Scenario planning is a technique used for strategy development in the face of uncertain or turbulent conditions. It involves postulating a range of likely alternative future scenarios and working out what strategies you would use in each one.
The basic process is:
Force-field analysis*: Categorise the various forces driving change in a particular situation (this could be market forces for a business or personal motivations for an interaction). What forces are there? How strong are they? What possible future states would each force push the situation towards? How are the forces balanced for and against a particular future state?
Scenario creation: Imagine the potential future states that might come about through various combinations of the driving forces (what ifs). Aim for a reasonably large number (7-9). Give each scenario a name and try to describe it in as much detail as you can. What precise steps would lead up to this scenario (see Cause-and-effect mapping)? What changes would you notice as this scenario unfolded? What would it be like to be in this scenario? (See Cognitive interviewing).
Scenario evaluation: Try to estimate the relative likelihood and impact of each scenario and rank them from most likely/most impact to least likely/least impact. At this point you might want to focus on the top few scenarios for the next stage but it can also be useful to pick one or two unlikely scenarios to play with too.
Scenario planning: Pick a scenario and inhabit it. What are your priorities in this scenario? What options do you have to act? What approaches could you take? What resources would you have? How would you know if your actions were effective? List and prioritise all the things you could do in this scenario. Now move on to the next scenario and repeat, and repeat.
Options analysis: Take the lists of possible actions for each scenario and compare them.
Are there actions that are helpful in all scenarios, or most of them? (No-brain actions)
Are there actions that would be helpful in some scenarios that would have no effect in other scenarios? (Some-brain actions)
Are there actions that would be helpful in some scenarios but harmful in others? (Full-brain actions)
*Traditional commercial force-field analysis is a little two-dimensional. It focuses only on forces for or against a single desired change to the status quo and ignores the fact that some of these forces may push in the direction of unintended change. It's worth considering not just enabling and constraining forces, but also diversionary forces.
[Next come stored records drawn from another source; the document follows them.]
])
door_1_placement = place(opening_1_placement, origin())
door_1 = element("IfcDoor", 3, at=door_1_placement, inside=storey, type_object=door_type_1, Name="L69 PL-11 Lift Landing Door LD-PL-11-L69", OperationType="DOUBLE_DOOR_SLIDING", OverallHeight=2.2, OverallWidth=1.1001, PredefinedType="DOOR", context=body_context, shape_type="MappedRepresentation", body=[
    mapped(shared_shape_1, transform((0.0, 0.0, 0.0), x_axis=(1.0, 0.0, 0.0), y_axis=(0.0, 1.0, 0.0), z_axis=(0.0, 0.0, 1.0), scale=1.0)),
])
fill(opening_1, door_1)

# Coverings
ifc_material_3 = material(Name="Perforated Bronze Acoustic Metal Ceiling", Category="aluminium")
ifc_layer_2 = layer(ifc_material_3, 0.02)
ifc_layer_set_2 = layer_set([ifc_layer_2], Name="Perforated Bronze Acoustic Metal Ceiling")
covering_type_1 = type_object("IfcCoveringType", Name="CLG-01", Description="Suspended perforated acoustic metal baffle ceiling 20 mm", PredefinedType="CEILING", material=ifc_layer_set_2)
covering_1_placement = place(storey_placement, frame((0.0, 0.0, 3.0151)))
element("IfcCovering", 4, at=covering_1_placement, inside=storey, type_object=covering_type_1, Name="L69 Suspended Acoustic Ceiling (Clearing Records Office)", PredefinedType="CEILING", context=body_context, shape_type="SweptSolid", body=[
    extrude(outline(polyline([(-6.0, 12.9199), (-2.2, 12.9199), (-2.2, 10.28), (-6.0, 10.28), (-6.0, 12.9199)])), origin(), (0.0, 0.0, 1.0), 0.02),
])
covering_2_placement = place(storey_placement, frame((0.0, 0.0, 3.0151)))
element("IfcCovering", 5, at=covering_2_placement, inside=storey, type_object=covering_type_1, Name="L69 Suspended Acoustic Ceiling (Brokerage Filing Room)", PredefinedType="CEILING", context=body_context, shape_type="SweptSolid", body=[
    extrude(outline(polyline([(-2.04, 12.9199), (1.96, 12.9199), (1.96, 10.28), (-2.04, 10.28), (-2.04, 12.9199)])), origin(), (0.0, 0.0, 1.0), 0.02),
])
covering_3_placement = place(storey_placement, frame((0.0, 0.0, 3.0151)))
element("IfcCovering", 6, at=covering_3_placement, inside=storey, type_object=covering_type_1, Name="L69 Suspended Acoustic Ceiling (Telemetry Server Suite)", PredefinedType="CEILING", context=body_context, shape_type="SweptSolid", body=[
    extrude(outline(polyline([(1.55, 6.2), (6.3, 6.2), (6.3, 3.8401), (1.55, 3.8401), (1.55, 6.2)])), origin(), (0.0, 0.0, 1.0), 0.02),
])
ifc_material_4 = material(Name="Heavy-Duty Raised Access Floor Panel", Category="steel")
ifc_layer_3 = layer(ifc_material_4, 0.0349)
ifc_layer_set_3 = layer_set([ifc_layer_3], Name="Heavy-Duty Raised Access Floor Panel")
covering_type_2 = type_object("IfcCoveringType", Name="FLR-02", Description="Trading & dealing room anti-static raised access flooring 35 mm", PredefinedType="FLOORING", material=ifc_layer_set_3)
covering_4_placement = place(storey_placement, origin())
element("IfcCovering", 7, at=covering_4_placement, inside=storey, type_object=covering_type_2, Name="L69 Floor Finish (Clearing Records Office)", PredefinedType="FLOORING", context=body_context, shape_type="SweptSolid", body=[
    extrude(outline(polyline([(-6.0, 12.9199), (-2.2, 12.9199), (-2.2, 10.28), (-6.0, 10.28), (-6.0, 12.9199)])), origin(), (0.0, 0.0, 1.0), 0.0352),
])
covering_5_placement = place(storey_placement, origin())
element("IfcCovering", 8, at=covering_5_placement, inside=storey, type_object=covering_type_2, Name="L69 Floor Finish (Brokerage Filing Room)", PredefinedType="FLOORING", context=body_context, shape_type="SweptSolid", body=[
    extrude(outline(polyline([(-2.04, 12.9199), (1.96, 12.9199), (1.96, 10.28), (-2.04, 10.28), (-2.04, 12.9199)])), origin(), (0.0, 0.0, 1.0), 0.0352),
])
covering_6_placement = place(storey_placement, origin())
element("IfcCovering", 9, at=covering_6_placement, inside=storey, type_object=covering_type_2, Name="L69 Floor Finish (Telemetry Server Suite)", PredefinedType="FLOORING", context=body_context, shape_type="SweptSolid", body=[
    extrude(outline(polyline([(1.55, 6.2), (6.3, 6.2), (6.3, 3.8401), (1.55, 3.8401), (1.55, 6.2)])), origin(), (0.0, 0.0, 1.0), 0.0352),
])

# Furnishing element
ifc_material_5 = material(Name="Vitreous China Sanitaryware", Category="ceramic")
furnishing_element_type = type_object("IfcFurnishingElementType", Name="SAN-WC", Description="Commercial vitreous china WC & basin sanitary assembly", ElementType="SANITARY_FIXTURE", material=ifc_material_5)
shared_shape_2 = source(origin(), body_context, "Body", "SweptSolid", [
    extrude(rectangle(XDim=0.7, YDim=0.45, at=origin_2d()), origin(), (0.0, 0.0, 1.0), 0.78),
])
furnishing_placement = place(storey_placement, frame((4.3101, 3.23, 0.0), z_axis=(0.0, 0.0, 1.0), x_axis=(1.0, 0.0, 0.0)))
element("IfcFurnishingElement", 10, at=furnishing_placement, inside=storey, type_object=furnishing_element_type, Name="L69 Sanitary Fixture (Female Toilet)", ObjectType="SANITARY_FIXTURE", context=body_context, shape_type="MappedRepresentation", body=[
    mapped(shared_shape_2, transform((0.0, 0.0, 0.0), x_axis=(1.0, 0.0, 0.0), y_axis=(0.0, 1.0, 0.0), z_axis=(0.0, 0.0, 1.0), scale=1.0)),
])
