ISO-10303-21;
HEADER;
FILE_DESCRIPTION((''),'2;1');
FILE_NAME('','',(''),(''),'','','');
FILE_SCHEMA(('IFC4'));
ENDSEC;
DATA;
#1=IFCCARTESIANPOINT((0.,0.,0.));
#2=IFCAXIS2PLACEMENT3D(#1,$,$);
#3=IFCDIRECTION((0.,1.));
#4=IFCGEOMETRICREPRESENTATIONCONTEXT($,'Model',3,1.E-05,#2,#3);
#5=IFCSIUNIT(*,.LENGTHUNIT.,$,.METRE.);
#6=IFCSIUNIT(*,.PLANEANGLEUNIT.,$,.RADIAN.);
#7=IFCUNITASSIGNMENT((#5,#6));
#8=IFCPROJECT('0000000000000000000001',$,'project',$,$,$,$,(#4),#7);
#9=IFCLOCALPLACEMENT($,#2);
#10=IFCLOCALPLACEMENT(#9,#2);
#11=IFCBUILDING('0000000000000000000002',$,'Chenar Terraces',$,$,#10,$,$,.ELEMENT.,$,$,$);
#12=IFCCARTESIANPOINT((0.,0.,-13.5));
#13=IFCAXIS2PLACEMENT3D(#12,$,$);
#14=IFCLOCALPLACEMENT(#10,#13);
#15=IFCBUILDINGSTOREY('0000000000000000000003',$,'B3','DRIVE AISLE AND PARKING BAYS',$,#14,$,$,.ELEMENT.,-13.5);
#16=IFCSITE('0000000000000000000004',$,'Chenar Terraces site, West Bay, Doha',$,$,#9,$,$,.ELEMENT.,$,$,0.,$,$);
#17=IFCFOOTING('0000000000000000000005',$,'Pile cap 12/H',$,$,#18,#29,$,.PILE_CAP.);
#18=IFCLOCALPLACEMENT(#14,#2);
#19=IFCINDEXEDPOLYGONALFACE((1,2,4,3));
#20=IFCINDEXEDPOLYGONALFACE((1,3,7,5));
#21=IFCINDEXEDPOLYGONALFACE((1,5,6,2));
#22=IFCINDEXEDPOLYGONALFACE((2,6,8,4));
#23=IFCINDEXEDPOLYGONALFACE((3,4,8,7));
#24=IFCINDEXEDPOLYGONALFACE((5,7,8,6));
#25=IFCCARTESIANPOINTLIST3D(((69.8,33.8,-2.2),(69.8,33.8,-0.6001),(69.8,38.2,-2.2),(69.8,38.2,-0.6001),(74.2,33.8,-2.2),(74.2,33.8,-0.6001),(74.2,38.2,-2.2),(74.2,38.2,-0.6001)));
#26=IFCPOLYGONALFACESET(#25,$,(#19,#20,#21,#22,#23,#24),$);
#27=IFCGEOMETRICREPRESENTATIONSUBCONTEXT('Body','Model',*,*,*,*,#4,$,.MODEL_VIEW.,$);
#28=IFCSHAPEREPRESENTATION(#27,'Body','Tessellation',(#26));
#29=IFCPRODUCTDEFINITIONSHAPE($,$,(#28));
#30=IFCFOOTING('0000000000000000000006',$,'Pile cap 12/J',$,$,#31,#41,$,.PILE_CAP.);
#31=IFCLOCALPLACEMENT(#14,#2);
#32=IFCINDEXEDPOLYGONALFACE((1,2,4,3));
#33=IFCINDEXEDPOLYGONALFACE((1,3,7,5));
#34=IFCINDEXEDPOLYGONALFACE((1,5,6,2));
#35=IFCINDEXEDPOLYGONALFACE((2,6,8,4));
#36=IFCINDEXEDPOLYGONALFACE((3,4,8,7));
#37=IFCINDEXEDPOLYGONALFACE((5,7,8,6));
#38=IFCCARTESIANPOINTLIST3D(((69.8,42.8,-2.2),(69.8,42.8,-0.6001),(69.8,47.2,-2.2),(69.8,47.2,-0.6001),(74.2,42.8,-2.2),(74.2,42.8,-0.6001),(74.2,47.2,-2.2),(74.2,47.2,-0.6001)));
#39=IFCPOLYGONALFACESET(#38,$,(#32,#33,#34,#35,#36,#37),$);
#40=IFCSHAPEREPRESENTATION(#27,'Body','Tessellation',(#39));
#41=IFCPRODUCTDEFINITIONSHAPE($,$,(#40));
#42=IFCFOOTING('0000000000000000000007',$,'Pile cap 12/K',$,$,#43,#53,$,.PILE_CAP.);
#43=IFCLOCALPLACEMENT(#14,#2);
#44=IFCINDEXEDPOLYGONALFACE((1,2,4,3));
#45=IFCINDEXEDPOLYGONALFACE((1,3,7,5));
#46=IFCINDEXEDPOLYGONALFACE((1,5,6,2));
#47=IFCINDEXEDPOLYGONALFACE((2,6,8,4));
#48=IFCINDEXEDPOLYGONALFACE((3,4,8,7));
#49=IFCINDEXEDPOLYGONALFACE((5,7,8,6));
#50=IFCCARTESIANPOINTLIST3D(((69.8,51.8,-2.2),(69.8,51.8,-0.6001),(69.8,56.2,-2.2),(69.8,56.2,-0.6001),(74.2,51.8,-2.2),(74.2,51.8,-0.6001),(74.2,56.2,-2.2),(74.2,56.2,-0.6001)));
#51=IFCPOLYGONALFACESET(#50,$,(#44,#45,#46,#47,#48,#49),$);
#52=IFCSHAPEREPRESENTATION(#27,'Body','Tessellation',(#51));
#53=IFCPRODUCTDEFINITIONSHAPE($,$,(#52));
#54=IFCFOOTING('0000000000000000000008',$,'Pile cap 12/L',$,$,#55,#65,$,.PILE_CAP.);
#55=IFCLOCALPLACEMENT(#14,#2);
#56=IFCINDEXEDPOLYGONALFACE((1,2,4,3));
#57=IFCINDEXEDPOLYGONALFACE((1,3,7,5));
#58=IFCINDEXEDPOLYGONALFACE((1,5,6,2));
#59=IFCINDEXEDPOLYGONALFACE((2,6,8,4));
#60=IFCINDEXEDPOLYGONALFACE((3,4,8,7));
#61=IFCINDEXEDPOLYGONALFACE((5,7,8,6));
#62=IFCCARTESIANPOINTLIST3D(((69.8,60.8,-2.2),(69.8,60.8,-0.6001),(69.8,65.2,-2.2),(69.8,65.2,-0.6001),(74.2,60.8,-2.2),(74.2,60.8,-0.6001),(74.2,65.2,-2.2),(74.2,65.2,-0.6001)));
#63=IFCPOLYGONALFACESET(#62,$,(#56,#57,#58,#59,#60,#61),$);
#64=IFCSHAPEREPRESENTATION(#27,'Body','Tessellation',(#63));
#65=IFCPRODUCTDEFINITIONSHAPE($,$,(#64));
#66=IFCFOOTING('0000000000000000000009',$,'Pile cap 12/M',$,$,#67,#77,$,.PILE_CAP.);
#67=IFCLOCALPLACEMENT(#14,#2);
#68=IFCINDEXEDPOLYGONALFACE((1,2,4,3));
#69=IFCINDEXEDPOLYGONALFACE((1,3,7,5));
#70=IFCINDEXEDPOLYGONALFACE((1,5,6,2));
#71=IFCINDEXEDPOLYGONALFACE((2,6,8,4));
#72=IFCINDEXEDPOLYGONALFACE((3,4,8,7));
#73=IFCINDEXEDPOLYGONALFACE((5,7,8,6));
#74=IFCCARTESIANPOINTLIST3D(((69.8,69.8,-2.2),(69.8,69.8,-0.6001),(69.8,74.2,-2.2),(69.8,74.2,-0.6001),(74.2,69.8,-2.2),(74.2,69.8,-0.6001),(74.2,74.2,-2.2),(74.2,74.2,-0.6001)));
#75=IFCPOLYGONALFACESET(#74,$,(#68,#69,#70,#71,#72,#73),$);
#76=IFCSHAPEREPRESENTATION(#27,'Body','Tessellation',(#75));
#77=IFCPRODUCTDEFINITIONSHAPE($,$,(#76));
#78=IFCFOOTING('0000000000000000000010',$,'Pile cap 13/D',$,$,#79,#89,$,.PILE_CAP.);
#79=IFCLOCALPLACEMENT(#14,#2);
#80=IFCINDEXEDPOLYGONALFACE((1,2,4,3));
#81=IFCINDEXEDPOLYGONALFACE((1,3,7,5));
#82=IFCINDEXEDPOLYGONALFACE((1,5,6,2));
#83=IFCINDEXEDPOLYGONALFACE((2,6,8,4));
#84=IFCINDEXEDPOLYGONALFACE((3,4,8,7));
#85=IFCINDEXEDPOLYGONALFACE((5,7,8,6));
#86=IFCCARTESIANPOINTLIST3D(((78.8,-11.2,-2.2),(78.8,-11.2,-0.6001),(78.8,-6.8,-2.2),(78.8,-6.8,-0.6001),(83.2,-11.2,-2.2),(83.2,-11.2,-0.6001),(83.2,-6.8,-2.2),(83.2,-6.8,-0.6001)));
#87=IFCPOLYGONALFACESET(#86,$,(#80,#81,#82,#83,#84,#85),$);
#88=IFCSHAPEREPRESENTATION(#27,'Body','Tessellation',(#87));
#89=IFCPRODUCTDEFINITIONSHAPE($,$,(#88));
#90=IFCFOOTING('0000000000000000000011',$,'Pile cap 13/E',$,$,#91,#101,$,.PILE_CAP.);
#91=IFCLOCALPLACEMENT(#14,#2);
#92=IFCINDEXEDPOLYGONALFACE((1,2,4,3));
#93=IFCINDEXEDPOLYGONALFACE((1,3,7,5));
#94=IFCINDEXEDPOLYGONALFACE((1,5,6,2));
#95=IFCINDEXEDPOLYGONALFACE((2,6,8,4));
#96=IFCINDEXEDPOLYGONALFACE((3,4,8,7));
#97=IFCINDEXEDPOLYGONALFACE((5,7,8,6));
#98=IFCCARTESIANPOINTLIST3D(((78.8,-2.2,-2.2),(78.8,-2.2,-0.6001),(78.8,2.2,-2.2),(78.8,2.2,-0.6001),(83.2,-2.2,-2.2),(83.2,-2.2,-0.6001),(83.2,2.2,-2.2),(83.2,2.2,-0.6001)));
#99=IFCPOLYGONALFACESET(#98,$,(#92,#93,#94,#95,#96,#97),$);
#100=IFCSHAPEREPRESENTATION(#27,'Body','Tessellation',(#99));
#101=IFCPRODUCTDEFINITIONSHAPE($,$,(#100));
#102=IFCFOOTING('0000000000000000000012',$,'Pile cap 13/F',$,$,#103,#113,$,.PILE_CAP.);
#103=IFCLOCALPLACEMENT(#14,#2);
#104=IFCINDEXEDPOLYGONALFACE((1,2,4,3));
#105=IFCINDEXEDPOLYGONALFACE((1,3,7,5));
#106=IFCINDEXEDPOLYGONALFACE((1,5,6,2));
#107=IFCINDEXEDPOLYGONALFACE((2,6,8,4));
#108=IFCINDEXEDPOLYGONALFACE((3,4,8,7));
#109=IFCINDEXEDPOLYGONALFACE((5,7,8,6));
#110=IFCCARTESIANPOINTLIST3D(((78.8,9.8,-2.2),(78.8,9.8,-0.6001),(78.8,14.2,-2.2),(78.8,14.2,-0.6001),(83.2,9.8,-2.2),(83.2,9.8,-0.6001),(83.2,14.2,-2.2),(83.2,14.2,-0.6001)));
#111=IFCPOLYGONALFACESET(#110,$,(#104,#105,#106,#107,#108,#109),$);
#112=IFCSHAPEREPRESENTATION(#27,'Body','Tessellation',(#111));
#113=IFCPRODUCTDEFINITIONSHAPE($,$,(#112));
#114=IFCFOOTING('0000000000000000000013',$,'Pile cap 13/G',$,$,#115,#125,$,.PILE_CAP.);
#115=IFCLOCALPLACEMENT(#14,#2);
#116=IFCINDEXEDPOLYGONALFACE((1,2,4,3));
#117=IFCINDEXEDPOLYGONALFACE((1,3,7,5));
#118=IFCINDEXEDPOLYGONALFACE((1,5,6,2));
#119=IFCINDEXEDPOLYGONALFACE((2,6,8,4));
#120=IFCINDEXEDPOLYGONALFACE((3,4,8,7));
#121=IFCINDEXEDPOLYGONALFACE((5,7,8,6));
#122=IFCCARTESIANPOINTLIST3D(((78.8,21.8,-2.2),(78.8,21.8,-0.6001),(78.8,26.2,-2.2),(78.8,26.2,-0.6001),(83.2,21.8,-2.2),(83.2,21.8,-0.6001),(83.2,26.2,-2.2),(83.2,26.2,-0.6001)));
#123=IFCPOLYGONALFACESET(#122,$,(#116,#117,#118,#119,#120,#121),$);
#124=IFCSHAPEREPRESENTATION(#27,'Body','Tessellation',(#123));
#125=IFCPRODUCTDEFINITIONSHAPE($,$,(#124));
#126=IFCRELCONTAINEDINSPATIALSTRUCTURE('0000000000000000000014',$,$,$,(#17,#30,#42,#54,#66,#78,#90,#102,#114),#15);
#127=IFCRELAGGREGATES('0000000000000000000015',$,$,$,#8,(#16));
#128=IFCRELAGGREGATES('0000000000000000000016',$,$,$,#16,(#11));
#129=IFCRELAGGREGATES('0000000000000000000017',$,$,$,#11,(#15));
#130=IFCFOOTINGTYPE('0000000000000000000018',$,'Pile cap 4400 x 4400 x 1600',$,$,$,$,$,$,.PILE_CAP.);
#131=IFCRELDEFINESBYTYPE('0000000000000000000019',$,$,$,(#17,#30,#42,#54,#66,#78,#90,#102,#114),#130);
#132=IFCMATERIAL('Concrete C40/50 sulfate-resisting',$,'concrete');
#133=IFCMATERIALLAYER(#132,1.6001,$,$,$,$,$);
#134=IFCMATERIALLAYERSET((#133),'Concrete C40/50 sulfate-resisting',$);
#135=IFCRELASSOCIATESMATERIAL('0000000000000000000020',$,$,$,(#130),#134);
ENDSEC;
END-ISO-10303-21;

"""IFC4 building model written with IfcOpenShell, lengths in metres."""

from ifc_helpers import new_model, si_unit, direction, frame, origin, place, context, subcontext, project, spatial, polyline, outline, extrude, material, layer, layer_set, type_object, element, save


model = new_model("IFC4")

# Units and contexts
model_context = context("Model", 3, precision=1e-05, world=origin(), true_north=direction((0.0, 1.0)))
body_context = subcontext(model_context, "Body", "Model", "MODEL_VIEW")
ifc_project = project(units=[si_unit("LENGTHUNIT", "METRE"), si_unit("PLANEANGLEUNIT", "RADIAN")], contexts=[model_context])

# Site, building, storey
site_placement = place(None, origin())
site = spatial("IfcSite", under=ifc_project, at=site_placement, Name="Chenar Terraces site, West Bay, Doha", CompositionType="ELEMENT", RefElevation=0.0)
building_placement = place(site_placement, origin())
building = spatial("IfcBuilding", under=site, at=building_placement, Name="Chenar Terraces", CompositionType="ELEMENT")
storey_placement = place(building_placement, frame((0.0, 0.0, -13.5)))
storey = spatial("IfcBuildingStorey", under=building, at=storey_placement, Name="B3", Description="DRIVE AISLE AND PARKING BAYS", CompositionType="ELEMENT", Elevation=-13.5)

# Footings
ifc_material = material(Name="Concrete C40/50 sulfate-resisting", Category="concrete")
ifc_layer = layer(ifc_material, 1.6001)
ifc_layer_set = layer_set([ifc_layer], Name="Concrete C40/50 sulfate-resisting")
footing_type = type_object("IfcFootingType", Name="Pile cap 4400 x 4400 x 1600", PredefinedType="PILE_CAP", material=ifc_layer_set)
placement = place(storey_placement, frame((0.0, 0.0, -2.2)))
element("IfcFooting", 1, at=placement, inside=storey, type_object=footing_type, Name="Pile cap 12/H", PredefinedType="PILE_CAP", context=body_context, shape_type="SweptSolid", body=[
    extrude(outline(polyline([(74.2, 33.8), (74.2, 38.2), (69.8, 38.2), (69.8, 33.8), (74.2, 33.8)])), origin(), (0.0, 0.0, 1.0), 1.5999),
])
element("IfcFooting", 2, at=placement, inside=storey, type_object=footing_type, Name="Pile cap 12/J", PredefinedType="PILE_CAP", context=body_context, shape_type="SweptSolid", body=[
    extrude(outline(polyline([(74.2, 42.8), (74.2, 47.2), (69.8, 47.2), (69.8, 42.8), (74.2, 42.8)])), origin(), (0.0, 0.0, 1.0), 1.5999),
])
element("IfcFooting", 3, at=placement, inside=storey, type_object=footing_type, Name="Pile cap 12/K", PredefinedType="PILE_CAP", context=body_context, shape_type="SweptSolid", body=[
    extrude(outline(polyline([(74.2, 51.8), (74.2, 56.2), (69.8, 56.2), (69.8, 51.8), (74.2, 51.8)])), origin(), (0.0, 0.0, 1.0), 1.5999),
])
element("IfcFooting", 4, at=placement, inside=storey, type_object=footing_type, Name="Pile cap 12/L", PredefinedType="PILE_CAP", context=body_context, shape_type="SweptSolid", body=[
    extrude(outline(polyline([(74.2, 60.8), (74.2, 65.2), (69.8, 65.2), (69.8, 60.8), (74.2, 60.8)])), origin(), (0.0, 0.0, 1.0), 1.5999),
])
element("IfcFooting", 5, at=placement, inside=storey, type_object=footing_type, Name="Pile cap 12/M", PredefinedType="PILE_CAP", context=body_context, shape_type="SweptSolid", body=[
    extrude(outline(polyline([(74.2, 69.8), (74.2, 74.2), (69.8, 74.2), (69.8, 69.8), (74.2, 69.8)])), origin(), (0.0, 0.0, 1.0), 1.5999),
])
element("IfcFooting", 6, at=placement, inside=storey, type_object=footing_type, Name="Pile cap 13/D", PredefinedType="PILE_CAP", context=body_context, shape_type="SweptSolid", body=[
    extrude(outline(polyline([(83.2, -11.2), (83.2, -6.8), (78.8, -6.8), (78.8, -11.2), (83.2, -11.2)])), origin(), (0.0, 0.0, 1.0), 1.5999),
])
element("IfcFooting", 7, at=placement, inside=storey, type_object=footing_type, Name="Pile cap 13/E", PredefinedType="PILE_CAP", context=body_context, shape_type="SweptSolid", body=[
The traditional approach to planning assumes that you can determine in advance which actions will help you to achieve your goal.
However, in the real world, circumstances change all the time and you are unlikely to have all the information you need at the start to plan actions very far ahead. In this case, you might use a roadmap. In this, you only plan short-term actions but you also try to identify in advance what extra learning you might need along the way. As a result, you intersperse your actions with experiments and investigations to provide you with more information on which to best the next burst of actions.
A pathways approach combines scenario planning with roadmaps. You identify possible future scenarios and then plan learning roadmaps for each of these scenarios. Again, you can do options analysis to identify learning that supports all scenarios.